East Meets West, Spicy Tastiness Ensues
What could have been better accessories to the perfect Super Bowl Sunday than a fine Irish lager and a pu pu platter for two? Ask almost any guy in New England, and they'll agree hands down on the stellar combination. Ask Jimmy Young, co-owner of Chan O'Malley's in Field's Corner, and he'll tell you about the bit of confusion his Chinese-takeout restaurant stirred when its doors were opened last December 5.
"A lot of my customers ask me about the name when they come in," said Young, who agreed that the Chinese-Irish name fusion might seem odd to some. "I grew up in Jamaica Plain, and at that time it was mostly Irish, and when I decided to open the restaurant, my best friend Mike said it should be a Chinese restaurant/Irish pub."
That idea, as genius as it is, wasn't quite feasible at the time, so Young settled on the Chinese-Irish name instead, and opted for Celtic calligraphy common to Irish pubs to grace the entrance of his standing-room only eatery located at 230 Adams Street.
Young, who came to America from Hong Kong when he was eight years old, is no stranger to the restaurant business. He and his brother-in-law, Eric Wu, had been working at family-owned restaurants for nearly two decades before they decided to try their hand at owning their own place.
"I picked this up from my dad and my brother," said Young proudly, as he stood in arms reach of the crimson-colored Buddha perched atop the counter of his neatly arranged eatery.
Young's family has owned China Sky Restaurant, located at 784 Adams St., for over 40 years, and opened Sun Kong Restaurant in Morton about four years ago, where both Young and Wu have had ample opportunity to hone their restaurant management skills.
"I was running China Sky for 17 years right after high school, through college," said Young, who attended Jamaica Plain High and graduated from New York University with a degree in restaurant management. Young's brother, Danny Young, took over the family business in 1991, and also owns a catering truck under Sun Kong that services MIT and Brigham and Women's Hospital.
Wu received his training in an even more traditional way - through the kitchens of many Chinese restaurants, including those of China Sky and Sun Kong. And he is perfecting his skills in the kitchen of Chan O'Malley's, working 14-hour days alongside Young.
"I've been working with friends and family for many years all over Massachusetts," said Wu, who also grew up in the Adams Village area before moving to Braintree.
Wu and Young's years of practice are now paying off, as Chan O'Malley's business is faring better than expected, according to Young. Wu would say it has something to do with his boneless spareribs, an official favorite of restaurant patrons.

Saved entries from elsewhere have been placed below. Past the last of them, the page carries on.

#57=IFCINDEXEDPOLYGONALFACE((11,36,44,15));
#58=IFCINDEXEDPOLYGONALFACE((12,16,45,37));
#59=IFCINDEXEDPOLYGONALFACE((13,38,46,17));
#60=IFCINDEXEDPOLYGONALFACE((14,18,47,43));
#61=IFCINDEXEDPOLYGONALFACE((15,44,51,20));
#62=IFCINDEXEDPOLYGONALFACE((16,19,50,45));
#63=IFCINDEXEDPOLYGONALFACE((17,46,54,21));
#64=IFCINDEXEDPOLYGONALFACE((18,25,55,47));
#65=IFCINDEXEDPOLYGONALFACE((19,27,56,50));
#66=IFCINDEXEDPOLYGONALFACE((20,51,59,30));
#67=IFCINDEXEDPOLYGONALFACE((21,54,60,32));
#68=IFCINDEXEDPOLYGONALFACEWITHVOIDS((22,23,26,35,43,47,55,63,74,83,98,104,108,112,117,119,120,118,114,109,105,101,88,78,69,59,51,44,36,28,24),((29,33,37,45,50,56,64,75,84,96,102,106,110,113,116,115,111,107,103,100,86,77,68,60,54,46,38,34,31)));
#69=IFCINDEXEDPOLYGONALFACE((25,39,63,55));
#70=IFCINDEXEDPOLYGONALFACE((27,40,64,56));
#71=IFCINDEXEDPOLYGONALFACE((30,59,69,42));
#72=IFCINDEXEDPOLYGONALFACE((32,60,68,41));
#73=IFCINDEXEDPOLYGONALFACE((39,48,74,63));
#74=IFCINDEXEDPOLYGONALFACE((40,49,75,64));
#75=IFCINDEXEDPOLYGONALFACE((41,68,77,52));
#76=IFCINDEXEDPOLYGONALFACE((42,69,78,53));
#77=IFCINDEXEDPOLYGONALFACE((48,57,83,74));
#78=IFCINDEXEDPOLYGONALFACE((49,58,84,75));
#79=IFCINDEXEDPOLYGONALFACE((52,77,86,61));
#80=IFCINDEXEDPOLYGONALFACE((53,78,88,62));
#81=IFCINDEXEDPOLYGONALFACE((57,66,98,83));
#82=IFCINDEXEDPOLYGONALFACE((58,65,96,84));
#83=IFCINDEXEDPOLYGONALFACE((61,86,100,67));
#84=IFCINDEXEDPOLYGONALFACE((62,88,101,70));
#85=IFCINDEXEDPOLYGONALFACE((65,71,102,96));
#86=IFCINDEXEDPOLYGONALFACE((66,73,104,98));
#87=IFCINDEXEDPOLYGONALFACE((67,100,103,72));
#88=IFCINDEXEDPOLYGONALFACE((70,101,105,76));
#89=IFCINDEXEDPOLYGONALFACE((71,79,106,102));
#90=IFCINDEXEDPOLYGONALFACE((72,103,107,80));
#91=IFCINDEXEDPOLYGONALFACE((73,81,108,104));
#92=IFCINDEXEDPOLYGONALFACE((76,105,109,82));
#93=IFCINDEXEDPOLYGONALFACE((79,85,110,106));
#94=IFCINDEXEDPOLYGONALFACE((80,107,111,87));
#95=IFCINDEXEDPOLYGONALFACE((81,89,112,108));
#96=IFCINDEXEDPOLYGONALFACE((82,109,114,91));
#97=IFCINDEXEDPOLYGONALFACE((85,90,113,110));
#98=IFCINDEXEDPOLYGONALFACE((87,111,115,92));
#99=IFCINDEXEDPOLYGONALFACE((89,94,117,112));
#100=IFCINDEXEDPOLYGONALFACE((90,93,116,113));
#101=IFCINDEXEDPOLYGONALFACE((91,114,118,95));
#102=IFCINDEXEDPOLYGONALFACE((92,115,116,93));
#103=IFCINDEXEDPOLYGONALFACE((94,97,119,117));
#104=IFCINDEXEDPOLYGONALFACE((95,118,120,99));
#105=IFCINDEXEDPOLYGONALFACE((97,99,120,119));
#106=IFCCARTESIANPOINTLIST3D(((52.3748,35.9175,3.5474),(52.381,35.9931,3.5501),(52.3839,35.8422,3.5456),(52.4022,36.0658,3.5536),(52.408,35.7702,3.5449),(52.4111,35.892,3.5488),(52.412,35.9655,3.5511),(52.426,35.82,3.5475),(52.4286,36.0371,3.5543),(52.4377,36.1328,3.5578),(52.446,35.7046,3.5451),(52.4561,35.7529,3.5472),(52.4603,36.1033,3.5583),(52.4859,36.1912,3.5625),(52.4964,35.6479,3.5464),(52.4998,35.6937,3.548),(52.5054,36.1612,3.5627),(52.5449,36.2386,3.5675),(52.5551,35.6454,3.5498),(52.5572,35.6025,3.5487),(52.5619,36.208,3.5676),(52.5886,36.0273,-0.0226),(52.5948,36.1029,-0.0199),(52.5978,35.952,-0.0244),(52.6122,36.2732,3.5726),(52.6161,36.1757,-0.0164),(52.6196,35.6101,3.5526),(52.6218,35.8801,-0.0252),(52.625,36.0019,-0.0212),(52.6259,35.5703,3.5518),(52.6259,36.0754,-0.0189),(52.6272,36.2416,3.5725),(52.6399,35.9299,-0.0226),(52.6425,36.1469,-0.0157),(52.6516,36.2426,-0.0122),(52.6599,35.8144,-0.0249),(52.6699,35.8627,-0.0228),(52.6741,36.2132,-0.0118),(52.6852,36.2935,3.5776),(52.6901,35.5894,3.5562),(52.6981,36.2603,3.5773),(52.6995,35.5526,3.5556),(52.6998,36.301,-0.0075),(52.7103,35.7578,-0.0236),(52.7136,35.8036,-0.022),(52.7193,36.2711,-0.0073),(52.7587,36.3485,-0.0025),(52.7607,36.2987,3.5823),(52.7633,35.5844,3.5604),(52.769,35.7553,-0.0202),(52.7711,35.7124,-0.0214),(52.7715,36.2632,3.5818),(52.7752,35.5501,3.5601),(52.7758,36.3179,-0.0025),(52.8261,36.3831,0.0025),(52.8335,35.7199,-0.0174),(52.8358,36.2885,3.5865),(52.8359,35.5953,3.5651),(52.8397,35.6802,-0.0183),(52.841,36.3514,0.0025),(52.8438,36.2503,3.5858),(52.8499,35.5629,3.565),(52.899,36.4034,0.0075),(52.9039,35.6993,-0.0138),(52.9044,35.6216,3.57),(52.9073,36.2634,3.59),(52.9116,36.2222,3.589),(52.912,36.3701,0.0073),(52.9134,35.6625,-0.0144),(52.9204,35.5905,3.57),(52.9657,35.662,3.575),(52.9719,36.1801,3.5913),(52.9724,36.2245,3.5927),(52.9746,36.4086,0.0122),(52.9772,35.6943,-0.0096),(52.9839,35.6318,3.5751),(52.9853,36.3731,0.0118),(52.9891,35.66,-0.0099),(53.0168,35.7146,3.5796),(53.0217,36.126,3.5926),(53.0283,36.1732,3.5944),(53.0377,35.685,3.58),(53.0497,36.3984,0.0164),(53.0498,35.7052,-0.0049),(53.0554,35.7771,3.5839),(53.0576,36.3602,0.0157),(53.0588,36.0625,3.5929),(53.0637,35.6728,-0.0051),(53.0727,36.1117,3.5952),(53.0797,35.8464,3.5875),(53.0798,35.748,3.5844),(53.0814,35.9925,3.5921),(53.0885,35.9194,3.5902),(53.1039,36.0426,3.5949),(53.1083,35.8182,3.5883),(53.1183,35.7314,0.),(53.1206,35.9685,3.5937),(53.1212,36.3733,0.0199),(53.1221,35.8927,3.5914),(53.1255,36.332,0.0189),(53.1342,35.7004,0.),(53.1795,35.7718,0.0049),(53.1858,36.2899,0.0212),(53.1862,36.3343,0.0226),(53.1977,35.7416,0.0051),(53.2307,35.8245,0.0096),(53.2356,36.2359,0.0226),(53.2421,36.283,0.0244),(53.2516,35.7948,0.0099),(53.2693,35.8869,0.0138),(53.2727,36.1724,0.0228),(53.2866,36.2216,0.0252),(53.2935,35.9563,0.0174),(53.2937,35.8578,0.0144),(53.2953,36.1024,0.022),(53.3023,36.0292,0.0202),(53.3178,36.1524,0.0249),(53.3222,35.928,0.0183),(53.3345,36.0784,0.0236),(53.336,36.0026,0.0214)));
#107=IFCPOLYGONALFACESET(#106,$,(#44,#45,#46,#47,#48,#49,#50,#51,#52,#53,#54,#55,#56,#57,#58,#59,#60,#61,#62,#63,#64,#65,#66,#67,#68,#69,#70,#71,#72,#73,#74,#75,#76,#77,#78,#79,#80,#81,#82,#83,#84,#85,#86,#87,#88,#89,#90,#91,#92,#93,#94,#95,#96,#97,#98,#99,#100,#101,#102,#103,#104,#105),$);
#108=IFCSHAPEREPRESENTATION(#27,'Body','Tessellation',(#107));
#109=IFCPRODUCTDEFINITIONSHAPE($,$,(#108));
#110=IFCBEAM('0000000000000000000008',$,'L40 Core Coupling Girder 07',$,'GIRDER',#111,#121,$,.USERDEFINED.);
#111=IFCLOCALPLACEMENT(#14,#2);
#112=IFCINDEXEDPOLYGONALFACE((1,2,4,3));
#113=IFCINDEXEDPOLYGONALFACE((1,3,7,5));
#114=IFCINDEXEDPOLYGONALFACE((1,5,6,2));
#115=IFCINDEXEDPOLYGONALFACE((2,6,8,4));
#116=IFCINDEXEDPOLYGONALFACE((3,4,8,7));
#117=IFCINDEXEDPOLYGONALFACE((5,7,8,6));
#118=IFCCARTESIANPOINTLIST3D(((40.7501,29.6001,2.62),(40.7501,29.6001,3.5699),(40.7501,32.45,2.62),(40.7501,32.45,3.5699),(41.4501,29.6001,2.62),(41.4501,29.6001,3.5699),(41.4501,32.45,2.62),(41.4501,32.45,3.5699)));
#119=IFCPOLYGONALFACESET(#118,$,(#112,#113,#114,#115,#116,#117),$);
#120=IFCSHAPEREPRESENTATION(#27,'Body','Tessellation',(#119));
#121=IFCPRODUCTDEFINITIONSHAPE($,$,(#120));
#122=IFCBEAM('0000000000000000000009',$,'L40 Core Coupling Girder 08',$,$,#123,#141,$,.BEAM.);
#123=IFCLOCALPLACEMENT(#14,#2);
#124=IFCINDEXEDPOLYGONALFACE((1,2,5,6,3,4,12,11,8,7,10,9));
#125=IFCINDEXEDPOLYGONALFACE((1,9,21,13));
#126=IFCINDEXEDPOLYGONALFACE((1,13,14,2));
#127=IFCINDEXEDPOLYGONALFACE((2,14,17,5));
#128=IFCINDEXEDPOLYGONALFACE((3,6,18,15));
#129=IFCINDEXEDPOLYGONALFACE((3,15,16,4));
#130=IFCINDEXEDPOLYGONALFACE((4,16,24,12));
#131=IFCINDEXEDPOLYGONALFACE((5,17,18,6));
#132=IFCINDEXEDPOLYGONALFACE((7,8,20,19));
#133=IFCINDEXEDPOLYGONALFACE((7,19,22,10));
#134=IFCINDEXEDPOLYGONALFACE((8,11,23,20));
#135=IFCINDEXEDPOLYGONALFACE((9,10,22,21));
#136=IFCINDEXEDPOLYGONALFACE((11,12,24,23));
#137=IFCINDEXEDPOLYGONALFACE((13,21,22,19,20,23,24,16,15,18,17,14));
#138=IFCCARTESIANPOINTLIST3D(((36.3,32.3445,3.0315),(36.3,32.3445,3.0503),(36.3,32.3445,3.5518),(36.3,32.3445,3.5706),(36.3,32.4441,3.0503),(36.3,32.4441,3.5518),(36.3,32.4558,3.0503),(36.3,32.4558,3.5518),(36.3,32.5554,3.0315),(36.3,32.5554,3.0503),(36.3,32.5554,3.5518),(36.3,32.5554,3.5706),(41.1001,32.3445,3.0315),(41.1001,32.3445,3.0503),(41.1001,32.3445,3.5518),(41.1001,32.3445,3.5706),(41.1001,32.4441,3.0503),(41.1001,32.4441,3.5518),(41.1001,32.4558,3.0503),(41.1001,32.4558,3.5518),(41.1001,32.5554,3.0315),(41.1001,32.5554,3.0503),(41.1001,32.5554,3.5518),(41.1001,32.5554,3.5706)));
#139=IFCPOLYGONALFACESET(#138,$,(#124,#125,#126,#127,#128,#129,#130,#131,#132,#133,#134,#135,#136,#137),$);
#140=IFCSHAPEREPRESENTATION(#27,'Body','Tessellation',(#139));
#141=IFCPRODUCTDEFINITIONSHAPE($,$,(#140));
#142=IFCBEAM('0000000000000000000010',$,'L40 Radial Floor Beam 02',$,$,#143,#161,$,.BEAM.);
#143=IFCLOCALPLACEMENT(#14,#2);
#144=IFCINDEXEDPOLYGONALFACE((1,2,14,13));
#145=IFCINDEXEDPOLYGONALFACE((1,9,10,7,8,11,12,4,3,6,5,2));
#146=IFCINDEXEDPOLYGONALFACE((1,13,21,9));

"It's a secret recipe, and I eat a lot of it myself too," said Wu, who also recommends the General Gao's chicken as another hot menu item - literally.
But not to worry, the super-spicy items on the menu are highlighted in red, and patrons are warned to watch out for the whole dry pepper, which can bring a tear to the unsuspecting eye. Customers are also able to alter the spiciness of their dishes according to their tastes, much to the relief of those who can't handle the heat.
Young credits the success of the restaurant to the quality of their food, which he is confident will put Chan O'Malley's on the map as one of the best Chinese takeout restaurants in the Fields Corner and Savin Hill area.
"Ingredient-wise we use nothing but the best, so even though the prices may be a little higher than the typical take-out restaurant, our customers see it's well worth it in the long run and keep coming back," said Young.
Ray Velasquez will chew to that.
"I've been coming here about a month," said Velasquez, who lives on nearby Juliet Street. "I like the food here because it's freshly made every time, the quality is better than other regular take out places, and the prices are fair."
"My favorite thing to order is the number eight dinner special with shrimp fried rice, chicken fingers, and boneless spareribs. They're boneless spareribs are the best, nice and tender," said Velasquez, as he munched away on the latter.
The restaurant, open from 11 a.m. to 1 a.m. daily, also offers a selection of healthy dishes cooked without oil, luncheon and dinner specials, and delivery service. So, if you weren't able to watch the Pats bring it home with some killer boneless spareribs at your fingertips, you can always watch Paul Pierce and the All-Star team with some Kung Bo on the side.